Whirligigs break the eastern Carolina monotomy

by Amy Kingsley

The landscape out in eastern North Carolina, past Raleigh’s suburban fringes, doesn’t have a lot to recommend it.

The rolling hills of the Piedmont flatten out into miles of farmland. The only thing that breaks the monotony is eventual arrival at the coast.

Of course, as with any part of the world, there are reasons to stop and spend some time. Numerous produce stands dot the side roads. You can often buy a pint of native blueberries or peaches for pretty cheap at such ramshackle establishments.

There’s also the whirligig farm out near Lucama.

Saturday was one of the rare days during which neither my boyfriend nor I had other plans. He wanted to see the whirligig farm.

I first saw the place sometime during the first summer I lived in North Carolina, back in 2002. An old friend from Texas had moved to North Carolina – Chapel Hill – and we decided to spend the day touring the curiosities of a state neither of us knew very well.

On that first trip, Vollis Simpson’s whirligig farm rose out of a bend in the road like a stand of exotic growth.

After almost a half hour navigating the country roads of tobacco country, I hit an intersection where metal creations rose some 40 feet out of the ground.

My second trip was almost the same, although Mapquest sent me on a different route that led me head-on into the display.

Either way, I learned last weekend, the entrée to Simpson’s whirligigs is impressive.

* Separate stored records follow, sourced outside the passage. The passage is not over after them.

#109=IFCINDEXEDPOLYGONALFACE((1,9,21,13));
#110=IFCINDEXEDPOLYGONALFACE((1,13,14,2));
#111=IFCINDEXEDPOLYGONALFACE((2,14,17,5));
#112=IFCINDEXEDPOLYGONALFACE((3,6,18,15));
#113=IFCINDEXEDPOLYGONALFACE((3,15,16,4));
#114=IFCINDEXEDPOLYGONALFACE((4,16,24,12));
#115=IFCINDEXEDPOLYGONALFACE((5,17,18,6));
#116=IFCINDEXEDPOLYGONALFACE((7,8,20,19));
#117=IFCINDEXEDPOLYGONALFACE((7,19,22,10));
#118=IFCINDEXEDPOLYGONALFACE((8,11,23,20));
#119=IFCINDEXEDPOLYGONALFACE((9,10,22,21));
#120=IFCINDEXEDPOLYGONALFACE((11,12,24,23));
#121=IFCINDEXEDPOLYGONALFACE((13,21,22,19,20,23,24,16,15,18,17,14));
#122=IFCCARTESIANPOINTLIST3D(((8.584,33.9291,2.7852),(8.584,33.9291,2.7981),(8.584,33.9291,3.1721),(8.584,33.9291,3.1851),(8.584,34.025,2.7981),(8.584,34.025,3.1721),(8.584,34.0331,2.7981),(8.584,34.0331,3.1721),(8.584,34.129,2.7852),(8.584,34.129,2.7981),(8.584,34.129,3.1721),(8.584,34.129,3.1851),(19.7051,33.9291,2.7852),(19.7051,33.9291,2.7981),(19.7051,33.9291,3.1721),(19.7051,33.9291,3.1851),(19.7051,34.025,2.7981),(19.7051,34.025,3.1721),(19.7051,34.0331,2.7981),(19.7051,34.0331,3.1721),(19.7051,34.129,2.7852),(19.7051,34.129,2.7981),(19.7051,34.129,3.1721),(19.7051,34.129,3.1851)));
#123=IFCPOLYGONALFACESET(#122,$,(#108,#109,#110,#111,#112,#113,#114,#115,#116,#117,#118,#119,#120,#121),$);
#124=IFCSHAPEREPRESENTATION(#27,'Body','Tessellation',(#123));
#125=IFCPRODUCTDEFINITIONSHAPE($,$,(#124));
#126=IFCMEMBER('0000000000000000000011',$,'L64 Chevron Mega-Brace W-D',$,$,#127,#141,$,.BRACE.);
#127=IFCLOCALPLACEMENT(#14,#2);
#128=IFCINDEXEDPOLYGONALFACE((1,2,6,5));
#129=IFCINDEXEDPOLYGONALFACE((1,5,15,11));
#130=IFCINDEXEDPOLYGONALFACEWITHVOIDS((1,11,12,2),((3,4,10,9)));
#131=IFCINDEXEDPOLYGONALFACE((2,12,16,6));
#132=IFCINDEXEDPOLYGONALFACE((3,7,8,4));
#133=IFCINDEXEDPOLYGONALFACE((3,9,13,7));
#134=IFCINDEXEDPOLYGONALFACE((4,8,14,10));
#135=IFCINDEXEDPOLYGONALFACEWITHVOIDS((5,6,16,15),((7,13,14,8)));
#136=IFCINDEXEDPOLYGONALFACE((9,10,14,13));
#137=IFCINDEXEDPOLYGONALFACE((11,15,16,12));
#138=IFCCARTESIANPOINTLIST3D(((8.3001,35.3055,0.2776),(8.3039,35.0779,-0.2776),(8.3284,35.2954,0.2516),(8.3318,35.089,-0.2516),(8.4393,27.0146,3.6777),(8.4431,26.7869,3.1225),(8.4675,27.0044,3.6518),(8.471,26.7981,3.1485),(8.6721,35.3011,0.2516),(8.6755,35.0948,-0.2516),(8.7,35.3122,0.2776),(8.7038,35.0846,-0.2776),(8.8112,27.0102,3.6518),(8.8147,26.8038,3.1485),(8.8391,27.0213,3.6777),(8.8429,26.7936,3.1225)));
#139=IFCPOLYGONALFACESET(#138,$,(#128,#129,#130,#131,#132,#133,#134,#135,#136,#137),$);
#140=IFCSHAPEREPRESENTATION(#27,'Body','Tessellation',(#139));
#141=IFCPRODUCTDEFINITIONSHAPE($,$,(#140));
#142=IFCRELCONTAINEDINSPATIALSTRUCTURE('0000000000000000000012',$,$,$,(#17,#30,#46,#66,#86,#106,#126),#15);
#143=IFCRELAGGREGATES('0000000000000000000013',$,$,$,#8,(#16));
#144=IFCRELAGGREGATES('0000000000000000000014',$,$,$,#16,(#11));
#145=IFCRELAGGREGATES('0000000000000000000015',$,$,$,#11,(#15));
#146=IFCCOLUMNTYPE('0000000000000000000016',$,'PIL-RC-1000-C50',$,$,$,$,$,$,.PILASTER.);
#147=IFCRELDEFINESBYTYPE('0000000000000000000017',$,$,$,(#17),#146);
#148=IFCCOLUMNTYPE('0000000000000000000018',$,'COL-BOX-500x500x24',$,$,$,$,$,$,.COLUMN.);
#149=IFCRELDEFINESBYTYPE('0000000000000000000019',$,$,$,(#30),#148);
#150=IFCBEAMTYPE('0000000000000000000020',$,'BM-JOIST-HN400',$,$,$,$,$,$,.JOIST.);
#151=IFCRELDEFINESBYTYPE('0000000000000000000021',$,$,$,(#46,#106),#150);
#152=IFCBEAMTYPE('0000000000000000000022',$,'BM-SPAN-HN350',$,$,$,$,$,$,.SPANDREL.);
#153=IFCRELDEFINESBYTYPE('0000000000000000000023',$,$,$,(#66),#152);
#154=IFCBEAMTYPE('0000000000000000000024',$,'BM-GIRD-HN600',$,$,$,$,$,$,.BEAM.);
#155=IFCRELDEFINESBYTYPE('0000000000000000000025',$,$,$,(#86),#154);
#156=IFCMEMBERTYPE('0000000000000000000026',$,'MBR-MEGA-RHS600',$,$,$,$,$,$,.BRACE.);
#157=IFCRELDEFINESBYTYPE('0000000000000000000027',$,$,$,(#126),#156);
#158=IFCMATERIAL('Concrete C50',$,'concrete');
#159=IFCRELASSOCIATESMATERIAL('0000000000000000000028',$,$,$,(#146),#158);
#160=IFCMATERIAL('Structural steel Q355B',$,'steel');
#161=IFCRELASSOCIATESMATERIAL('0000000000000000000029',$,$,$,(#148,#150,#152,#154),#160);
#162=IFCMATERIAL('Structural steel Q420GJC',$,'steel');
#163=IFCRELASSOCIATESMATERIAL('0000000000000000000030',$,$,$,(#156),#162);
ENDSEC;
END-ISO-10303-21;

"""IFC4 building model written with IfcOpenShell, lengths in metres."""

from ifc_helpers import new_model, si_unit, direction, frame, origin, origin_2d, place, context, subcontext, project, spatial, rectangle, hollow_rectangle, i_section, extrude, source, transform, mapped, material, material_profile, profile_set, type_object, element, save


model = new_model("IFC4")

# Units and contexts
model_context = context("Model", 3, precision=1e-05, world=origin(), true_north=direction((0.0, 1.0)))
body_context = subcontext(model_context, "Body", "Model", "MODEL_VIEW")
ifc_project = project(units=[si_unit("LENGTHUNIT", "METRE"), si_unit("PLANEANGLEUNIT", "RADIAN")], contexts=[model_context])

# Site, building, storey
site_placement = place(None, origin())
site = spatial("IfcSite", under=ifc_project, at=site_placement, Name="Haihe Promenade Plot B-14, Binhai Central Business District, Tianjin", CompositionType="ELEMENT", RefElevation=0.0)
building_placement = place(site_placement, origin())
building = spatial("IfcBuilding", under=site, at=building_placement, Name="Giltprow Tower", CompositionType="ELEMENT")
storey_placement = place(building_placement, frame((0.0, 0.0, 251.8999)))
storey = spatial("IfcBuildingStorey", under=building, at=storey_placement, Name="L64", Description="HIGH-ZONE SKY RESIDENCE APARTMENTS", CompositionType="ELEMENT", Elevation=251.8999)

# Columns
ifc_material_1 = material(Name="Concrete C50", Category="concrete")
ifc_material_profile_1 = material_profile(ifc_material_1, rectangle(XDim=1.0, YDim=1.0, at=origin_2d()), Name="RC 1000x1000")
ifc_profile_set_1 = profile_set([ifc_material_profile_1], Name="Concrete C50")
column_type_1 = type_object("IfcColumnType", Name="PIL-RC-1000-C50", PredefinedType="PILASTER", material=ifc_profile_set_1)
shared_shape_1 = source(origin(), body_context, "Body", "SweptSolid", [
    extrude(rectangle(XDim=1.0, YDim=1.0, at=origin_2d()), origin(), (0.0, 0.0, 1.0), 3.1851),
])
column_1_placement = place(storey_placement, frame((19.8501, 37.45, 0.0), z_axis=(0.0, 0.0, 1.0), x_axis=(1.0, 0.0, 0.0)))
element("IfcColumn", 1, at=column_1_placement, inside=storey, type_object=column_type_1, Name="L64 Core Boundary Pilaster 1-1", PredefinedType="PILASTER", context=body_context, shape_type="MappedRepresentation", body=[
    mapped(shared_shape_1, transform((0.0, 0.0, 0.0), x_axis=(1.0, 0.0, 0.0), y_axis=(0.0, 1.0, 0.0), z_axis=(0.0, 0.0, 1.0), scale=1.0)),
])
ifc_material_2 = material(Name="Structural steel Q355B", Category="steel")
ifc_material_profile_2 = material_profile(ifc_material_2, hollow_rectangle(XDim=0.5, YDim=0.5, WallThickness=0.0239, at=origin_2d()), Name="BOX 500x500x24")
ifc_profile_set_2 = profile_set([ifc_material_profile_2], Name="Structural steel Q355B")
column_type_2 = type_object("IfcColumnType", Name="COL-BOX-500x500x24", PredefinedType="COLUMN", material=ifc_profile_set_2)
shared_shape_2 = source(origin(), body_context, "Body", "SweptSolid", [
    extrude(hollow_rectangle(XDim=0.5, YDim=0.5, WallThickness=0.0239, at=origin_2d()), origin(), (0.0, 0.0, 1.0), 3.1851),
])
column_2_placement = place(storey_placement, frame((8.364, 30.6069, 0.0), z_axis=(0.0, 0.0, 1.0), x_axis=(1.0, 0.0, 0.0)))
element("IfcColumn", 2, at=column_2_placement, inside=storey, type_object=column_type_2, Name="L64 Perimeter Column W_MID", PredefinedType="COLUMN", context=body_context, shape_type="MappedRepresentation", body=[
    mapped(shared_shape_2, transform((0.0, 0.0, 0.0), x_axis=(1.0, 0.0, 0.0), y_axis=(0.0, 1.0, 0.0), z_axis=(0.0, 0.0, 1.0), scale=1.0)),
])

During the last visit, I pulled my car off on a gravel road where three paths meet in a K formation. Three mongrel dogs charged at us when I cut the engine. Fortunately, all were friendly or timid after the initial blasts of barking. Simpson or someone else had posted signs warning visitors to keep out.

But Mark and I could hear a radio playing near the workshop, and we persisted. We entered Simpson’s property and found the man napping outside his workshop.

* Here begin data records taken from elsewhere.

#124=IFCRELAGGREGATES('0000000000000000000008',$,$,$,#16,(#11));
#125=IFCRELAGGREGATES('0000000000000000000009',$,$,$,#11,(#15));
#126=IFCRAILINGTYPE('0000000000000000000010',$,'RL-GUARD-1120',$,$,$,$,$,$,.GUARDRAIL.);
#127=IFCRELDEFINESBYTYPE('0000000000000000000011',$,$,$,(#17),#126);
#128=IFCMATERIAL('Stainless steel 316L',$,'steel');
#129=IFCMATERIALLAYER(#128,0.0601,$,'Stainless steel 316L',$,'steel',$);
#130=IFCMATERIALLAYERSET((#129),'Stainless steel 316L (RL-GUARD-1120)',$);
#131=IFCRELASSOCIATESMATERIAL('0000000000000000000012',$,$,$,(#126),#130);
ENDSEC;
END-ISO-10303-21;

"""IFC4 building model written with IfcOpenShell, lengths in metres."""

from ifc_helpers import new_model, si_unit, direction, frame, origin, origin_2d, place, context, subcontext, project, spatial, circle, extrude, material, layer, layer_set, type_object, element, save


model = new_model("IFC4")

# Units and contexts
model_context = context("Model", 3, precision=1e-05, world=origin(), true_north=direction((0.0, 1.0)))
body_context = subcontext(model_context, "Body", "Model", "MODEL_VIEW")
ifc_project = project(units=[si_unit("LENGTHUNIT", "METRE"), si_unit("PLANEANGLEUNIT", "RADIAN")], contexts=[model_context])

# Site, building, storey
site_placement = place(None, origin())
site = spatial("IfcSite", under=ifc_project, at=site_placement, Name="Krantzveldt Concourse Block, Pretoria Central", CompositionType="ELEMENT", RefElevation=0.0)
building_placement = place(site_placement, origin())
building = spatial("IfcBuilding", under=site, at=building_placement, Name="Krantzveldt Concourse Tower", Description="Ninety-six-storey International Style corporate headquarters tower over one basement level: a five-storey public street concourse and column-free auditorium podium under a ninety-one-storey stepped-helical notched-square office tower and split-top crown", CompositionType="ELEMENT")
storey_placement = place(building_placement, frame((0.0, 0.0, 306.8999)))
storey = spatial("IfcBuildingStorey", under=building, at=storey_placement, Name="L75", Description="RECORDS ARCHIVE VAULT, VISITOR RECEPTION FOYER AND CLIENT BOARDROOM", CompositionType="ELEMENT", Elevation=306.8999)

The artist is 87-years-old and exceptionally congenial. We asked permission to tour his property and he immediately granted it, inviting us to take a look inside his barn while we were at it.

In fact, he apologized for napping, a forgivable offense in light of the torrid temperatures and weekend status. But Simpson, whose early creations really defy description and whose later industriousness has stocked a huge barn, is obviously a man who rarely relaxes.

A whirligig is a creation akin to a windmill that consists of one or multiple parts that rotate in the wind. Unlike windmills, whirligigs don’t have to serve some useful function like supplying electricity or turning mechanical parts.

Simpson’s whirligigs, each affixed with reflectors and painted in bright colors, serve only to satisfy their creator’s and observers’ taste for whimsy. The barn shelters smaller models that are available for purchase. Mark fell in love with what looked like chandelier created out of trophy parts.

It’s the monstrous outdoor whirligigs that really inspire awe. Simpson didn’t start working on the towering creations until he had retired from his job as a machinist with the nearby city of Wilson. So he’s been creating these giant structures for the last quarter of his productive life, during a time when most folks are indulging a taste for travel or sleep.

It is a quixotic undertaking. The windmills Cervantes mentioned in his masterpiece were imaginary enemies. By contrast, the ones Simpson has constructed are very real and not at all frightening.

One is a mule train, with several beasts of burden pulling a paunchy human cutout. All around the main figures, smaller parts spin and flutter, even during the relative barometric calm of my last visit.

Other sculptures feature planes, street signs or bike tires arranged in such a way that they catch the slightest breeze. At least one of the pieces is rigged with a chiming bell. I chimed periodically, too, as Mark and I picnicked in a veranda raised above the tall grass.

There isn’t a lot of information available about the Whirligig Farm online. It has been said that Simpson’s daughter died in a car crash sometime before he devoted himself to constructing the whirligigs.

I didn’t want to bother the man, who labored at his metalwork while Mark and I ambled around his property. We did find the rusted remains of a decades-old car wrapped around a tree near his workshop.

Whether it belonged to his daughter or a stranger doesn’t matter much at all. Simpson’s structures are an amazing human achievement, regardless of his age and whether he ever suffered the loss of a child.

We spent about an hour there, just communing with the whirligigs, bugs and idiosyncratic shelters – like the star-ceilinged gazebo where we took our lunch. It was free; we admired then we took our leave.

Vollis Simpson, the 87-year-old with arms of ropey muscle, bent over his power tools, shaping the parts for a new generation of whirligigs.